Link Search Menu Expand Document

Columnar Store

You are building an application that needs to store data in such a way that you can calculate statistics or perform aggregate queries from it. This especially occurs in a Microservices Architecture when you are pulling data together from several microservices in order to perform queries or aggregate data.

How do I store data when I’m often interested in a subset of the columns of all rows?

Traditional Table Stores store data by row. Thus, doing a query over any column will require you to do either a linear search, or to use an index to do a hashed search. For most applications, that is fine - the tradeoff between being able to insert and update data quickly vs. a slight increase in query time is acceptable. However, many types of analytics applications put a premium on query time, and do not require fast updates or inserts. In this case, the row-oriented storage approach of a Table Store is not optimal.

Therefore,

Use a Columnar Store that groups data by column, not by row. Column stores can very quickly operate on subsets of data as these subsets are stored close to each other.

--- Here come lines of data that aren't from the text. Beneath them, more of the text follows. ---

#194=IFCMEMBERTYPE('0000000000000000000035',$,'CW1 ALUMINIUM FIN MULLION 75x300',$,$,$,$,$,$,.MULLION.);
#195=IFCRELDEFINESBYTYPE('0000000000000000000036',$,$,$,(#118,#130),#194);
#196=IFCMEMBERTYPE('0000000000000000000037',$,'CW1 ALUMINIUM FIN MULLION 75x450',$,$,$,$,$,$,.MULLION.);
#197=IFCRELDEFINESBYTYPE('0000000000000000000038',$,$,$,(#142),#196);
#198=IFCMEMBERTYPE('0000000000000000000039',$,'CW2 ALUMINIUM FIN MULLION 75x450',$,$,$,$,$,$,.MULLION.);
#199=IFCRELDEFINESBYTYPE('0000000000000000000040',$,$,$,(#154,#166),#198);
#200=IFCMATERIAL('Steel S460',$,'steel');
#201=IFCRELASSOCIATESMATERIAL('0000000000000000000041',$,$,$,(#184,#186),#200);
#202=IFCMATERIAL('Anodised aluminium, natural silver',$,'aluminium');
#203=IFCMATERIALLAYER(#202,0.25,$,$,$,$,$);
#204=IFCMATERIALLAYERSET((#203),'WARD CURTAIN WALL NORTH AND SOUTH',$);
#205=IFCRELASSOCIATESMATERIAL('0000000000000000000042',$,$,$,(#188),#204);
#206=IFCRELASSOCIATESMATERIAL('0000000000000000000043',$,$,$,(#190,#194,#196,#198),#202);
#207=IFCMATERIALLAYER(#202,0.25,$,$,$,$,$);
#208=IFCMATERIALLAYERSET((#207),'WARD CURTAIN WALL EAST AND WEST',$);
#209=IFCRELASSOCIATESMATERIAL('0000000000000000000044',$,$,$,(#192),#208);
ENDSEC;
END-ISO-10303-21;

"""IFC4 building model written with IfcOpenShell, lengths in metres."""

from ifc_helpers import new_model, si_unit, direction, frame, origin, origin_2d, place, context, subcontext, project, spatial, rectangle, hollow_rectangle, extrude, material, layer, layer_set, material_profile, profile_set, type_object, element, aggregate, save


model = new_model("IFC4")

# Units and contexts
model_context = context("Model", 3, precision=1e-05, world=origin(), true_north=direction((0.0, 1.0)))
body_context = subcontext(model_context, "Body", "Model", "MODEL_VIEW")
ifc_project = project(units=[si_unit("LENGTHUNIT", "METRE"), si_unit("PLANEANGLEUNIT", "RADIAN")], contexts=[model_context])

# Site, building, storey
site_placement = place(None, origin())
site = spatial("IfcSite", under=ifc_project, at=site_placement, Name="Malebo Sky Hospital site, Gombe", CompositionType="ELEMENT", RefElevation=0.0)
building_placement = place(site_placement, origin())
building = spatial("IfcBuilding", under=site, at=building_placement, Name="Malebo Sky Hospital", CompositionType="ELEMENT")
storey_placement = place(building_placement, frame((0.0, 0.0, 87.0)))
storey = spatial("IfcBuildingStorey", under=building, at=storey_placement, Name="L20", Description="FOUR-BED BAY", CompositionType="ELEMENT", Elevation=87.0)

A major disadvantage of a Columnar Store is that updates and inserts may take longer than in other types of Scalable Stores. They should also not be used when the data is loosely structured or unstructured - in a sense, you can think of a Columnar Store and a Table Store as being related in that they both perform best on highly structured data with a fixed, or very slowly changing schema.

Examples of Columnar Stores include Cassandra and Amazon RedShift.